For starters, IBM said SpeechConcept will integrate IBM WebSphere Voice Server (WVS) into its telephony products, allowing callers to react or respond to a query or command by speaking naturally, rather then using formatted sentences or menu commands.
In addition, DTMS Solutions, which develops and hosts speech applications for customer service call centers, and IBM will market IBM WebSphere Voice Server speech recognition products to enterprises. The application will tie customer transactions to related systems through a service-oriented architecture (SOA) platform. "Companies are looking for an open-standard interface," said Brian Garr, program director for enterprise speech at IBM. "The first customers using this method will come on line this quarter."
Enterprises will spend $2.6 billion by 2009 on speech-related software, hardware professional services and related technology, up from $1.2 billion this year, according to Opus Research.
"For the past three years, the makers of core engines for speech recognition have experienced tremendous accuracy in the lab and whether that translates into accurate recognition in a noisy room remains to be seen," said Dan Miller, senior analyst at Opus Research.
It's the routine applications, such as speech-automated attendants, that will build popularity for the technology. For example, every call into Microsoft for the past year goes through the Microsoft speech server that lets the caller dial by name, and with "tremendous accuracy" it connects, Miller said.
But not all Microsoft speech systems have met with success. Microsoft Corp.'s failed demonstration of its speech-recognition tool in Windows Vista malfunctioned in front of an auditorium full of financial analysts.
Microsoft had hoped to impress an influential crowd gathered at the annual Microsoft financial Analysts Conference last month. Instead a glitch in the system turned the demonstration into embarrassment.
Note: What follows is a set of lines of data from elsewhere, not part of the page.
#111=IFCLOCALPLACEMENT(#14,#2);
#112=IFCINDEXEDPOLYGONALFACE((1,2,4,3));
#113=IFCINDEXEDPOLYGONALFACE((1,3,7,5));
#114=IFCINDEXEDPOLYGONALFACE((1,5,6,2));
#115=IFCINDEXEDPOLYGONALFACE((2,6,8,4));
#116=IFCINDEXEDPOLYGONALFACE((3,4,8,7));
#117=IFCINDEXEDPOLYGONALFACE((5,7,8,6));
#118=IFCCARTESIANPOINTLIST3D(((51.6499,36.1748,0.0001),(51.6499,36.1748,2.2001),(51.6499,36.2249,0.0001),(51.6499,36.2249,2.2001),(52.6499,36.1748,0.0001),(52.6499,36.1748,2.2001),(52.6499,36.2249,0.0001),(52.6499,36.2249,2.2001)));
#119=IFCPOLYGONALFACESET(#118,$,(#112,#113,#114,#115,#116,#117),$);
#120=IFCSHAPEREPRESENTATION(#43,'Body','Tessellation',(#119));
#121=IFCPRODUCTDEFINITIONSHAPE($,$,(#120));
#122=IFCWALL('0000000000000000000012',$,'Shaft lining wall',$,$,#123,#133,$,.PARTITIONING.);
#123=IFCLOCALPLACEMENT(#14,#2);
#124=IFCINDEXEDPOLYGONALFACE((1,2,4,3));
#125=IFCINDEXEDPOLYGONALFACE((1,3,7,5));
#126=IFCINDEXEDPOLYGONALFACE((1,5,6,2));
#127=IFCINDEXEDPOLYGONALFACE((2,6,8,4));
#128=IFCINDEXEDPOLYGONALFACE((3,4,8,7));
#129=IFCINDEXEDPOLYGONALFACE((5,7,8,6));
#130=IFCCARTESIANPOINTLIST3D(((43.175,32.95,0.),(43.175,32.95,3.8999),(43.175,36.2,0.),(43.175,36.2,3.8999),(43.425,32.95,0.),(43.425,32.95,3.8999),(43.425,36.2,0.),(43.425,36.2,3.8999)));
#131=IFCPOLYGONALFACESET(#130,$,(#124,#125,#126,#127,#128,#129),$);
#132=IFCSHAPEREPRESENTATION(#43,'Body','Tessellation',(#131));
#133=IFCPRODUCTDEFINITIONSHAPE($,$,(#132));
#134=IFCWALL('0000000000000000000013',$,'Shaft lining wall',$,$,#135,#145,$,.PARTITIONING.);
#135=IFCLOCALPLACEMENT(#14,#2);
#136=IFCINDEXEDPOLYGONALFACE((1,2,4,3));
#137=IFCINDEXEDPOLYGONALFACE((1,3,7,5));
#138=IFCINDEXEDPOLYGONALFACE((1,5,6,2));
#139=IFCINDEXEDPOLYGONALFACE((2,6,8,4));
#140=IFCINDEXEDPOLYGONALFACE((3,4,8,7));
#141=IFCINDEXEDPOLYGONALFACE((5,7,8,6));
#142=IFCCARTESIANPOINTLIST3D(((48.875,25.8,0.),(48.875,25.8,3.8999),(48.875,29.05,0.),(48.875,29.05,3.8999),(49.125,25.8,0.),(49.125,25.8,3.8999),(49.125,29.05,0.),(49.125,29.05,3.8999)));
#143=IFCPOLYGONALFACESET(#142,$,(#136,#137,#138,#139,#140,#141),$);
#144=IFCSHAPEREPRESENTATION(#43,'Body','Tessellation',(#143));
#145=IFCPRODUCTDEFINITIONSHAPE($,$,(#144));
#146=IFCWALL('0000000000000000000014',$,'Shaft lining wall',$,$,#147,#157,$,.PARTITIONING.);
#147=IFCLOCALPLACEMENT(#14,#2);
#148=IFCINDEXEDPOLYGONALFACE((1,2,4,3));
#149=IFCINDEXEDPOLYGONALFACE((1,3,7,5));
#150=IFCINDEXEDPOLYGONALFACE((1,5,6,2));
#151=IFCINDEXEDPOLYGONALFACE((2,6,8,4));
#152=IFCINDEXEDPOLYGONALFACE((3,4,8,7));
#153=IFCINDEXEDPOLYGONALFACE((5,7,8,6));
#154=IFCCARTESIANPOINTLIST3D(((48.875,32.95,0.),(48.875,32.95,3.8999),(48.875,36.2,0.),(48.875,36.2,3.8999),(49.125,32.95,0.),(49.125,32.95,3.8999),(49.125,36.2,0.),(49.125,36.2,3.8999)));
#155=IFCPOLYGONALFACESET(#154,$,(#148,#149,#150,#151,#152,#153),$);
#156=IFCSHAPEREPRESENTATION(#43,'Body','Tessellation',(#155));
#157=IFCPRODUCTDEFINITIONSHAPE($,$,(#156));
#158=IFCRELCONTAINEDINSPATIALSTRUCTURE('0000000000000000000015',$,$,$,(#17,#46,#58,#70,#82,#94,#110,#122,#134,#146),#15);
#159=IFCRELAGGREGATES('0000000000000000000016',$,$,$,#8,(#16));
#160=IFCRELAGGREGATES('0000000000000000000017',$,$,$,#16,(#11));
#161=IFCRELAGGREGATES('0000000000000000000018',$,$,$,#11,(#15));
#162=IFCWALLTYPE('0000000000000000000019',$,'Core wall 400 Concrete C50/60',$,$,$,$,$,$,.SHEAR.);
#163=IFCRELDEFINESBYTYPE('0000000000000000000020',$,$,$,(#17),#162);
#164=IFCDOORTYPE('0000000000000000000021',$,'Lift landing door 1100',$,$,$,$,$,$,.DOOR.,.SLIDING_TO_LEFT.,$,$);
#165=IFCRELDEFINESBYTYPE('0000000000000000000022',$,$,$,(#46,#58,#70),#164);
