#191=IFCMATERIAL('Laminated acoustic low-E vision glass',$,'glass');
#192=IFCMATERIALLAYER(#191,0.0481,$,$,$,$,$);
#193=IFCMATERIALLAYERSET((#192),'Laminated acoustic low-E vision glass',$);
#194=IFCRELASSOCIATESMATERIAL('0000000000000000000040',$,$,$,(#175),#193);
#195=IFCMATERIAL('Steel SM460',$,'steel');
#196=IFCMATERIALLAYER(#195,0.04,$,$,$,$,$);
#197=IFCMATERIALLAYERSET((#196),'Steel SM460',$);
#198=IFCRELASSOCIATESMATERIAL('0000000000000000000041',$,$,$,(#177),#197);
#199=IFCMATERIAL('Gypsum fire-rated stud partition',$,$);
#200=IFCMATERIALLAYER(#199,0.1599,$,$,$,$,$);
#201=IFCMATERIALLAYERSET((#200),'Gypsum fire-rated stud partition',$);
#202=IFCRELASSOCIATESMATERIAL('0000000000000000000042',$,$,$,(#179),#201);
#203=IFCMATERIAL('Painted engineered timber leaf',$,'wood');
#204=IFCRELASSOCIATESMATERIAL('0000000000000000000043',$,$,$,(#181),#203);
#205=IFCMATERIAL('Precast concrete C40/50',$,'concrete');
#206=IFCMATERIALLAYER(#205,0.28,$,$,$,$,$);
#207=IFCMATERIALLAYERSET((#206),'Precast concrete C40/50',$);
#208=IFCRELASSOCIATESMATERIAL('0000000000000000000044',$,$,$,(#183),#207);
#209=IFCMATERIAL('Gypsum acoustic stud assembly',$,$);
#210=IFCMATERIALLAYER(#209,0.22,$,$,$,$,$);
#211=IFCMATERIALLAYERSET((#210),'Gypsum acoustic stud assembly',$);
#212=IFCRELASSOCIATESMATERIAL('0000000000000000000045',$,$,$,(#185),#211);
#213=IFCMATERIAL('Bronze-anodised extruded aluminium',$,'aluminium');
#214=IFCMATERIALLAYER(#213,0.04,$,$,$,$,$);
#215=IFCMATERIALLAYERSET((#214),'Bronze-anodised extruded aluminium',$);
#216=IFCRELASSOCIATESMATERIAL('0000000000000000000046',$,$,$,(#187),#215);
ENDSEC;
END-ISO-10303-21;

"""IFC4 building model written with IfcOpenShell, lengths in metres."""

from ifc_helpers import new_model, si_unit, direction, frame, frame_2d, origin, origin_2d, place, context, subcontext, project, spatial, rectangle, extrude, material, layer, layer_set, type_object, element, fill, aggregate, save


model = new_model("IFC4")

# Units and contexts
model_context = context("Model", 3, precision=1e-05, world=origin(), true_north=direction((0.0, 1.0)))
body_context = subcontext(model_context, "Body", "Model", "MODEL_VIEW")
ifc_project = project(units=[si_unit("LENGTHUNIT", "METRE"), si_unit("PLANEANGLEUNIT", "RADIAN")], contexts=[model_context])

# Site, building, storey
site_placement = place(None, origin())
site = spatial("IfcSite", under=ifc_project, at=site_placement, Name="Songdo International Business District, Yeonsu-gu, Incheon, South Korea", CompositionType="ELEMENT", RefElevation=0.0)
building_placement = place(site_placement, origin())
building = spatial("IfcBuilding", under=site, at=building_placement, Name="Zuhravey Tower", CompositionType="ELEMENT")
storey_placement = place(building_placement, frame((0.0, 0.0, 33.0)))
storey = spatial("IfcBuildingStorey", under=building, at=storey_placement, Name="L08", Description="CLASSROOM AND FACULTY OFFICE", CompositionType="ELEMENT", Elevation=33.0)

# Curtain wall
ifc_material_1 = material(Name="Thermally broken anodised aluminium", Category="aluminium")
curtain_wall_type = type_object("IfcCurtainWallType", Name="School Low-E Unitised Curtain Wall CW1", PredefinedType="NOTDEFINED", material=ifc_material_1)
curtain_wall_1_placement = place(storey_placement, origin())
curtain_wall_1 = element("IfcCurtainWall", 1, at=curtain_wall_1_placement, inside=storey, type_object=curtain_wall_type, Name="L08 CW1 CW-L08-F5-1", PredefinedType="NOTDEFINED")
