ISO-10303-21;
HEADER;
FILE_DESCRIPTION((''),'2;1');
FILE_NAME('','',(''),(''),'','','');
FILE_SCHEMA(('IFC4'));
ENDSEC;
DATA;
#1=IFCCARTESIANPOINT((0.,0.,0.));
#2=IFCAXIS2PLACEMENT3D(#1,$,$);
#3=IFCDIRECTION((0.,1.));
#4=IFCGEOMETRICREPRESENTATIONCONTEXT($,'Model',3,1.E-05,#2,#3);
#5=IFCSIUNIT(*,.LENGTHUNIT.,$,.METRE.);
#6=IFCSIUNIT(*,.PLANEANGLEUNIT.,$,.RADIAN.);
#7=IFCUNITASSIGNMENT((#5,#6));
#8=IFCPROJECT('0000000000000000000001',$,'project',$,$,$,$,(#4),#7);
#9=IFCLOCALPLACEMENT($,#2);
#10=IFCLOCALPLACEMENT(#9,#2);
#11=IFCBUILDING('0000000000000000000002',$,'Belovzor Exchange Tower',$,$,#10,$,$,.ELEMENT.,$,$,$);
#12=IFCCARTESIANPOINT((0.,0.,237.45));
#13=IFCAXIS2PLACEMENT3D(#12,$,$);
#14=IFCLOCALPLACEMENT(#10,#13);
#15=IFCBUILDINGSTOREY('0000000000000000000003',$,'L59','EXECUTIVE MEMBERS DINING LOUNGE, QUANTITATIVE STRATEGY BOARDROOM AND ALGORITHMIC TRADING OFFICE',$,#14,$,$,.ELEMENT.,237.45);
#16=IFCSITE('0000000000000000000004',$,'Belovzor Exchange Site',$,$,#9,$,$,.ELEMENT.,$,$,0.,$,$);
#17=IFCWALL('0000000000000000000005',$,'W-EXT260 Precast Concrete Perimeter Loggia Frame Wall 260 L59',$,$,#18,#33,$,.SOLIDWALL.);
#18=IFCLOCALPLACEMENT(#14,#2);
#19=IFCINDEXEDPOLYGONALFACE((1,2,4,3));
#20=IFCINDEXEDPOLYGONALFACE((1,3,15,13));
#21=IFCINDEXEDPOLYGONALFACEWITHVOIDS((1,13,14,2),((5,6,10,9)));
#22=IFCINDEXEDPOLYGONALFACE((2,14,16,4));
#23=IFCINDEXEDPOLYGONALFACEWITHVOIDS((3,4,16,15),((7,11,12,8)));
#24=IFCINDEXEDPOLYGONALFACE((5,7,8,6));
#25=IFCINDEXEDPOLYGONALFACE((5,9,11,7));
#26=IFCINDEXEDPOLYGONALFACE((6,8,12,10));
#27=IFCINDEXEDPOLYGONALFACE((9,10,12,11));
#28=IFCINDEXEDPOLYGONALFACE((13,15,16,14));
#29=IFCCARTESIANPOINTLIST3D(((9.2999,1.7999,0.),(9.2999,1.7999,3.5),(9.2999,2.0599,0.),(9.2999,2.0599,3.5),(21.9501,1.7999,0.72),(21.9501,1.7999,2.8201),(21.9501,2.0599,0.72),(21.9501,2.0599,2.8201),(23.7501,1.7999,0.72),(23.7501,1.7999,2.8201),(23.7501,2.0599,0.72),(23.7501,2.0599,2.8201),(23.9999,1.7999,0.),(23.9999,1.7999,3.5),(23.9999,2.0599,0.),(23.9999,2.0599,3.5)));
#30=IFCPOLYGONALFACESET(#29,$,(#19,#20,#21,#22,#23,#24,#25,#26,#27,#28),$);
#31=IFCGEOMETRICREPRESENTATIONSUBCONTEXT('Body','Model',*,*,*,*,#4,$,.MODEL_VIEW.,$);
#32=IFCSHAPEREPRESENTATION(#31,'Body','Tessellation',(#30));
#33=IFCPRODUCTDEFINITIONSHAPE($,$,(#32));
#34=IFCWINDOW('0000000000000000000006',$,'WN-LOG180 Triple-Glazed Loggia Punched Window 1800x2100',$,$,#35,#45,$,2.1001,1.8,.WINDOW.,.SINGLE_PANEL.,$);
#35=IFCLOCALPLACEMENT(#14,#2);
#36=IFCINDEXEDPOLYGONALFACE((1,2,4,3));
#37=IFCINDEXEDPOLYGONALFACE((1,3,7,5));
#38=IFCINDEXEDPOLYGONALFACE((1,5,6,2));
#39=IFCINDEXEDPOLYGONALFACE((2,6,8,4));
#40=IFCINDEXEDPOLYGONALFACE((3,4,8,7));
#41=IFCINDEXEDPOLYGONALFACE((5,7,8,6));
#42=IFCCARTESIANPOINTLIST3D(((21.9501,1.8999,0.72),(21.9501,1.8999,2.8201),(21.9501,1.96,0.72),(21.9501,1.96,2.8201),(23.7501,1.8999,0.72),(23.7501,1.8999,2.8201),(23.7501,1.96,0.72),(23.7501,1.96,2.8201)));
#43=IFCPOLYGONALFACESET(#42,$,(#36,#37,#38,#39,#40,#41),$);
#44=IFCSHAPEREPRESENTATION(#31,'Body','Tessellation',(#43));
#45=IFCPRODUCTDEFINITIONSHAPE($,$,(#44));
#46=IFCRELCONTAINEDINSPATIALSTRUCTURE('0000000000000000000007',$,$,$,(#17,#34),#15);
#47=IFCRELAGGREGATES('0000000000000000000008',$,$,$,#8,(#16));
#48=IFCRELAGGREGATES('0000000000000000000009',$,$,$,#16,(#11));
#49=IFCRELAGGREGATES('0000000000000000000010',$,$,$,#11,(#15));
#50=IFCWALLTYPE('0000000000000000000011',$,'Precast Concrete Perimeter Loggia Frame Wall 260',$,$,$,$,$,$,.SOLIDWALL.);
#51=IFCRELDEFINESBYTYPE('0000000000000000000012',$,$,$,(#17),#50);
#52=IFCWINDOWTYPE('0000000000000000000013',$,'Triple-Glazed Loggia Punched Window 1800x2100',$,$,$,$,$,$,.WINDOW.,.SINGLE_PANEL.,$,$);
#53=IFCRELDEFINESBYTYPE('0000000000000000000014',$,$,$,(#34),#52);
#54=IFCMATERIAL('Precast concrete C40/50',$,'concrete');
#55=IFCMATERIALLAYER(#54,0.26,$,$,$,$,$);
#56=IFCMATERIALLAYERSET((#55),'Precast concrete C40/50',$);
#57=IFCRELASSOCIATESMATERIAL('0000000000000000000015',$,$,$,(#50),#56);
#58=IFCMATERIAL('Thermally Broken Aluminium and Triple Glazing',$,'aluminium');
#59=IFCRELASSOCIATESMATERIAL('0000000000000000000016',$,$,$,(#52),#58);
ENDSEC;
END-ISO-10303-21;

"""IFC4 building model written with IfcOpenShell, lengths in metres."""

from ifc_helpers import new_model, si_unit, direction, frame, frame_2d, origin, place, context, subcontext, project, spatial, rectangle, extrude, material, layer, layer_set, type_object, element, fill, save


model = new_model("IFC4")

# Units and contexts
model_context = context("Model", 3, precision=1e-05, world=origin(), true_north=direction((0.0, 1.0)))
body_context = subcontext(model_context, "Body", "Model", "MODEL_VIEW")
ifc_project = project(units=[si_unit("LENGTHUNIT", "METRE"), si_unit("PLANEANGLEUNIT", "RADIAN")], contexts=[model_context])

# Site, building, storey
site_placement = place(None, origin())
site = spatial("IfcSite", under=ifc_project, at=site_placement, Name="Belovzor Exchange Site", CompositionType="ELEMENT", RefElevation=0.0)
building_placement = place(site_placement, origin())
building = spatial("IfcBuilding", under=site, at=building_placement, Name="Belovzor Exchange Tower", CompositionType="ELEMENT")
storey_placement = place(building_placement, frame((0.0, 0.0, 237.45)))
storey = spatial("IfcBuildingStorey", under=building, at=storey_placement, Name="L59", Description="EXECUTIVE MEMBERS DINING LOUNGE, QUANTITATIVE STRATEGY BOARDROOM AND ALGORITHMIC TRADING OFFICE", CompositionType="ELEMENT", Elevation=237.45)

# Wall, opening, window
ifc_material_1 = material(Name="Precast concrete C40/50", Category="concrete")
ifc_layer_1 = layer(ifc_material_1, 0.26)
ifc_layer_set_1 = layer_set([ifc_layer_1], Name="Precast concrete C40/50")
wall_type_1 = type_object("IfcWallType", Name="Precast Concrete Perimeter Loggia Frame Wall 260", PredefinedType="SOLIDWALL", material=ifc_layer_set_1)
wall_1_placement = place(storey_placement, frame((24.0, 1.9299, 0.0), z_axis=(0.0, 0.0, 1.0), x_axis=(-1.0, 0.0, 0.0)))
wall_1 = element("IfcWall", 1, at=wall_1_placement, inside=storey, type_object=wall_type_1, Name="W-EXT260 Precast Concrete Perimeter Loggia Frame Wall 260 L59", PredefinedType="SOLIDWALL", context=body_context, shape_type="SweptSolid", body=[
    extrude(rectangle(XDim=14.7, YDim=0.26, at=frame_2d((7.3501, 0.0))), origin(), (0.0, 0.0, 1.0), 3.5),
])
opening_1_placement = place(wall_1_placement, frame((0.25, 0.0, 0.72)))
opening_1 = element("IfcOpeningElement", 2, at=opening_1_placement, cuts=wall_1, PredefinedType="OPENING", context=body_context, shape_type="SweptSolid", body=[
    extrude(rectangle(XDim=1.8, YDim=2.1001, at=frame_2d((0.8999, 1.05))), frame((0.0, 0.1399, 0.0), z_axis=(0.0, -1.0, 0.0), x_axis=(1.0, 0.0, 0.0)), (0.0, 0.0, 1.0), 0.28),
])
ifc_material_2 = material(Name="Thermally Broken Aluminium and Triple Glazing", Category="aluminium")
window_type = type_object("IfcWindowType", Name="Triple-Glazed Loggia Punched Window 1800x2100", PartitioningType="SINGLE_PANEL", PredefinedType="WINDOW", material=ifc_material_2)
window_placement = place(opening_1_placement, origin())
window = element("IfcWindow", 3, at=window_placement, inside=storey, type_object=window_type, Name="WN-LOG180 Triple-Glazed Loggia Punched Window 1800x2100", OverallHeight=2.1001, OverallWidth=1.8, PartitioningType="SINGLE_PANEL", PredefinedType="WINDOW", context=body_context, shape_type="SweptSolid", body=[
    extrude(rectangle(XDim=1.8, YDim=2.1001, at=frame_2d((0.8999, 1.05))), frame((0.0, 0.03, 0.0), z_axis=(0.0, -1.0, 0.0), x_axis=(1.0, 0.0, 0.0)), (0.0, 0.0, 1.0), 0.0601),
])
fill(opening_1, window)

save(model, "model.ifc")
The trouble began on the first voice comment from the presenter, a member of the team working on the new version of the company's Windows operating system, analyst said. Rather than typing "Dear mom," as Shanen Boettcher had instructed with a voice command, the computer wrote "Dear aunt."
A video of the uncooperative Vista speech recognition demo was posted on the video sharing site YouTube.
Larry Osterman, a software design engineer at Microsoft, in a blog took responsibility for the bug.
Osterman attributed the problem to a feedback loop. "There's a timing issue that is causing a positive feedback loop that resulted from a signal being fed back into an amplifier," Osterman wrote in his blog.
Desktop computer nirvana comes from the "Star Trek" model where interaction with computers relies on voice commands, said Joe Wilcox, senior analyst at Jupiter Research. "We're a long way from there," he said. "Windows Vista will try to close the gap, but today there are lots of limitations."
The problems Microsoft had is "emblematic of a technology whose ways to implement aren't fully understood," Miller said. It's further along in development than the botched Microsoft demo experience would suggest, he added.